Version 2.25 further downshifts the required version of Perl for this module. This was a result of testing the module with Version 5.10.1 of Perl. Only one statement in the module code needed to be changed for the module to work with the older version of Perl.

Version 2.24 fixes the Makefile.PL restriction on the required Perl version. This version should work with Perl versions 5.14.0 and higher.

Version 2.23 changes the required version of Perl from 5.18.0 to 5.14.0. Everything else remains the same.

Version 2.22 should prove more robust when the probability distribution for the values of a feature is expected to be heavy-tailed; that is, when the supposedly rare observations can occur with significant probabilities. A new option in the DecisionTree constructor lets the user specify the precision with which the probability distributions are estimated for such features.

Version 2.21 fixes a bug that was caused by the explicitly set zero values for numerical features being misconstrued as "false" in the conditional statements in some of the method definitions.

Version 2.2 makes it easier to write code for classifying in one go all of your test data samples in a CSV file. The bulk classifications obtained can be written out to either a CSV file or to a regular text file. See the script classify_test_data_in_a_file_numeric.pl in the Examples directory for how to classify all of your test data records in a CSV file. This version also includes improved code for generating synthetic numeric/symbolic training and test data records for experimenting with the decision tree classifier.

Version 2.1 allows you to test the quality of your training data by running a 10-fold cross-validation test on the data. This test divides all of the training data into ten parts, with nine parts used for training a decision tree and one part used for testing its ability to classify correctly. This selection of nine parts for training and one part for testing is carried out in all of the ten different ways that are possible. This testing functionality in Version 2.1 can also be used to find the best values to use for the constructor parameters entropy_threshold, max_depth_desired, and symbolic_to_numeric_cardinality_threshold.

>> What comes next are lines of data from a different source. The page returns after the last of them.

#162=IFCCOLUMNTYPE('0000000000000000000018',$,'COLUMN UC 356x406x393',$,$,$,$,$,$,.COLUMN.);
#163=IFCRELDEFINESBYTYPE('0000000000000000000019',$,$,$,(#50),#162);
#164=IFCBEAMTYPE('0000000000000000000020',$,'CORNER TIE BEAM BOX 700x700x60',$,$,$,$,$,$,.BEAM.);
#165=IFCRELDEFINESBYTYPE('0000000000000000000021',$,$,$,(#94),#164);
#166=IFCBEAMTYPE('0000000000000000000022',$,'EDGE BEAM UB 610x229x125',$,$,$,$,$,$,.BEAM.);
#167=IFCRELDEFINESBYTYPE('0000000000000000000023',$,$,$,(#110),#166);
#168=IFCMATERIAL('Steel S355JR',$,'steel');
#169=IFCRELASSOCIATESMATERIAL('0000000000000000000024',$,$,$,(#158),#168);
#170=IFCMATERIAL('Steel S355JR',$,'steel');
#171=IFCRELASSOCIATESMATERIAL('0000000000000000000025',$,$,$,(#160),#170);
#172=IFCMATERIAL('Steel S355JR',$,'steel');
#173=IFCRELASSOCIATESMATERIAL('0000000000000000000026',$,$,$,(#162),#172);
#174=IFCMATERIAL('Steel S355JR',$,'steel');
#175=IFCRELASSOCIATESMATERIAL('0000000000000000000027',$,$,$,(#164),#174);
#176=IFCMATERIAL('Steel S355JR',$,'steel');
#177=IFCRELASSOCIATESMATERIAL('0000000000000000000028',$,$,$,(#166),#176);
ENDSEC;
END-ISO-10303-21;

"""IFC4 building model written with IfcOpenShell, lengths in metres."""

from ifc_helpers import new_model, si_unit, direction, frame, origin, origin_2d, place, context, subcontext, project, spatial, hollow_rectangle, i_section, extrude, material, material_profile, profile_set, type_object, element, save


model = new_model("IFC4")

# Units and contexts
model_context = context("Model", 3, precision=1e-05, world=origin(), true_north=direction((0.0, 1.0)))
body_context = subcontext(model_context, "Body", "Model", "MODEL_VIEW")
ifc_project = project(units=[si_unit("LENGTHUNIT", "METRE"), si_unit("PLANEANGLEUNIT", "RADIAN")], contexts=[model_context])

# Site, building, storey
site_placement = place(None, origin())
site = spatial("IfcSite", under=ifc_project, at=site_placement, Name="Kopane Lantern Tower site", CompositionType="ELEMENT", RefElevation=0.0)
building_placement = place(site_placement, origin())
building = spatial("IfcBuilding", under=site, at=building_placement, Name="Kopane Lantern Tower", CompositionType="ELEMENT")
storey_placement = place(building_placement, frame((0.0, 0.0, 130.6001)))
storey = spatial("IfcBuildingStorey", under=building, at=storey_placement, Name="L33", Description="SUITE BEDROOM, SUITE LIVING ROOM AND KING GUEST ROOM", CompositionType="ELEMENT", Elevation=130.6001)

Version 2.0 is a major rewrite of this module. Now you can use both numeric and symbolic features for constructing a decision tree. A feature is numeric if it can take any floating-point value over an interval.

Version 1.71 fixes a bug in the code that was triggered by 0 being declared as one of the features values in the training datafile. Version 1.71 also include an additional safety feature that is useful for training datafiles that contain a very large number of features. The new version makes sure that the number of values you declare for each sample record matches the number of features declared at the beginning of the training datafile.

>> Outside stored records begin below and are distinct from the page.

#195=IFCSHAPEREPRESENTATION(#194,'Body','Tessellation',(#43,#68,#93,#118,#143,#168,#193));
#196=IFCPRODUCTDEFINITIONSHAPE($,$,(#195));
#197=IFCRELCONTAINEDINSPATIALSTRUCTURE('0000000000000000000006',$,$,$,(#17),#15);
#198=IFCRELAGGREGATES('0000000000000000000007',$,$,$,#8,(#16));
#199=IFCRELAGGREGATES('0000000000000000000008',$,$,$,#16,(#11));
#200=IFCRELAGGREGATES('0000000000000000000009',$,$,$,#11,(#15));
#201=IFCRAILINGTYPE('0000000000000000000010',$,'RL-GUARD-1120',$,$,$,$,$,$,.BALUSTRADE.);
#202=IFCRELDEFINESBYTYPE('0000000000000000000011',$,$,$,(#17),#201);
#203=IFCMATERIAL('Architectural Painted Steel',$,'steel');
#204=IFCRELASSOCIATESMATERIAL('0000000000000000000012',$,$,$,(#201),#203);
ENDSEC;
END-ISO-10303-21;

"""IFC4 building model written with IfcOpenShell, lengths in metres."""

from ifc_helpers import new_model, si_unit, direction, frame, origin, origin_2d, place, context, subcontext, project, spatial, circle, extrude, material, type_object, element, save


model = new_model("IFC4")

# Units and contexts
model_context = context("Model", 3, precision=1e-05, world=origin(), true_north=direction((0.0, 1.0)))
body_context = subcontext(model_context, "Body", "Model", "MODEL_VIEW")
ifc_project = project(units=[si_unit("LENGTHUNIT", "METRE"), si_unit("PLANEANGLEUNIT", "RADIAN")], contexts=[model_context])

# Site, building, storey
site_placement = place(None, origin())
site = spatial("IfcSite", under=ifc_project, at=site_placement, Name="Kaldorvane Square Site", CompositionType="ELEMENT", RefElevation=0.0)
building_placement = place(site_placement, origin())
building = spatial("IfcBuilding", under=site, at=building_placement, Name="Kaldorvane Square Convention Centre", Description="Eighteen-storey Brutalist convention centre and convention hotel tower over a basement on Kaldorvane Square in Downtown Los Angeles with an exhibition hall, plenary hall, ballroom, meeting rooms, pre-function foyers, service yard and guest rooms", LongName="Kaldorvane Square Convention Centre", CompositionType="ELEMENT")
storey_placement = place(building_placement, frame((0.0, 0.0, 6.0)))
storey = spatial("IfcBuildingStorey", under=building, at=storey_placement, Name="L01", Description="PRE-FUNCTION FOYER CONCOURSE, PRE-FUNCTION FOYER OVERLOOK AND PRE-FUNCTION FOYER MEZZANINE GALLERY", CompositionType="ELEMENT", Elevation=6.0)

Version 1.7 includes safety checks on the consistency of the data you place in your training datafile. When a training file contains thousands of samples, it is difficult to manually check that you used the same class names in your sample records that you declared at top of your training file or that the values you have for your features are legal vis-a-vis the earlier declarations of the values in the training file. Another safety feature incorporated in this version is the non-consideration of classes that are declared at the top of the training file but that have no sample records in the file.

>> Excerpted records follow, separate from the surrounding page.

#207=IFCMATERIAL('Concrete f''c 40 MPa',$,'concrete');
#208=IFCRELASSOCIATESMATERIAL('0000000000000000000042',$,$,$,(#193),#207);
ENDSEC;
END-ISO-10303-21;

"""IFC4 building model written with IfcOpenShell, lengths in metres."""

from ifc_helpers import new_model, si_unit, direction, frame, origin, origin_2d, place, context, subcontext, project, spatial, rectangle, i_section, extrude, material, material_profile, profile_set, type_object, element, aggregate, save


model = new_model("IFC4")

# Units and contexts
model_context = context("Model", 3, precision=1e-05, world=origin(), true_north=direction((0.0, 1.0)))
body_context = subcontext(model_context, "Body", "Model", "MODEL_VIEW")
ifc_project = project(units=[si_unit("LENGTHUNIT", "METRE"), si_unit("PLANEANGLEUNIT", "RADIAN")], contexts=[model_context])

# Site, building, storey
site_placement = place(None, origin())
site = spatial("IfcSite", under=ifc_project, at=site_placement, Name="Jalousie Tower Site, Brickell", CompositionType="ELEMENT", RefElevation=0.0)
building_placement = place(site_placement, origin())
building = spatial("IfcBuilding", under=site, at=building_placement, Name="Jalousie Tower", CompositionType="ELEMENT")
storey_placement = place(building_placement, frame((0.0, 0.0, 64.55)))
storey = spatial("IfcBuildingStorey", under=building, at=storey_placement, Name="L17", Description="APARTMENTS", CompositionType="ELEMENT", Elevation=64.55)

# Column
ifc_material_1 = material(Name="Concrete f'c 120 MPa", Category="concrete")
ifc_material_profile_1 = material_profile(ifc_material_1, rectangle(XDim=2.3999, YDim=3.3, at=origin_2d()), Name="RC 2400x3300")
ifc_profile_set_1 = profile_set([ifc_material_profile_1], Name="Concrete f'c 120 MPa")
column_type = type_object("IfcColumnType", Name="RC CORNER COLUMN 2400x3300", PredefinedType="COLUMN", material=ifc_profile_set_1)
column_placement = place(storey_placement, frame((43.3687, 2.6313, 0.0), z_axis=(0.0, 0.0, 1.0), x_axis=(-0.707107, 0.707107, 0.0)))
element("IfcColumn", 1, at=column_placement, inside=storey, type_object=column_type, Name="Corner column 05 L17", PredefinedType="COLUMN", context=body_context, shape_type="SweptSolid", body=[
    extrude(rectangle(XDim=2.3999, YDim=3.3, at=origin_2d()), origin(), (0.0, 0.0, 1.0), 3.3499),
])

Version 1.6 uses probability caching much more extensively compared to the previous versions. This should result in faster construction of large decision trees. Another new feature in Version 1.6 is the use of a decision tree for interactive classification. In this mode, after you have constructed a decision tree from the training data, the user is prompted for answers to the questions pertaining to the feature tests at the nodes of the tree.

Some key elements of the documentation were cleaned up and made more readable in Version 1.41. The implementation code remains unchanged from Version 1.4.

Version 1.4 should make things faster (and easier) for folks who want to use this module with training data that creates very large decision trees (that is, trees with tens of thousands or more decision nodes). The speedup in Version 1.4 has been achieved by eliminating duplicate calculation of probabilities as the tree grows. In addition, this version provides an additional constructor parameter, max_depth_desired for controlling the size of the decision tree. This is in addition to the tree size control achieved by the parameter entropy_threshold that was introduced in Version 1.3. Since large decision trees can take a long time to create, you may find yourself wishing you could store the tree you just created in a disk file and that, subsequently, you could use the stored tree for classification work. The Examples directory contains two scripts, store_dt_on_disk.pl and classify_from_disk_stored_dt.pl, that show how you can do exactly that with the help of Perl's Storable module.

Version 1.3 addresses the issue that arises when the header of a training datafile declares a certain possible value for a feature but that (feature,value) pair does NOT show up anywhere in the training data. Version 1.3 also makes it possible for a user to control the size of the decision tree by changing the value of the parameter entropy_threshold. Additionally, Version 1.3 includes a method called determine_data_condition() that displays useful information regarding the size and some other attributes of the training data. It also warns the user if the training data might result in a decision tree that would simply be much too large --- unless the user controls the size with the entropy_threshold parameter.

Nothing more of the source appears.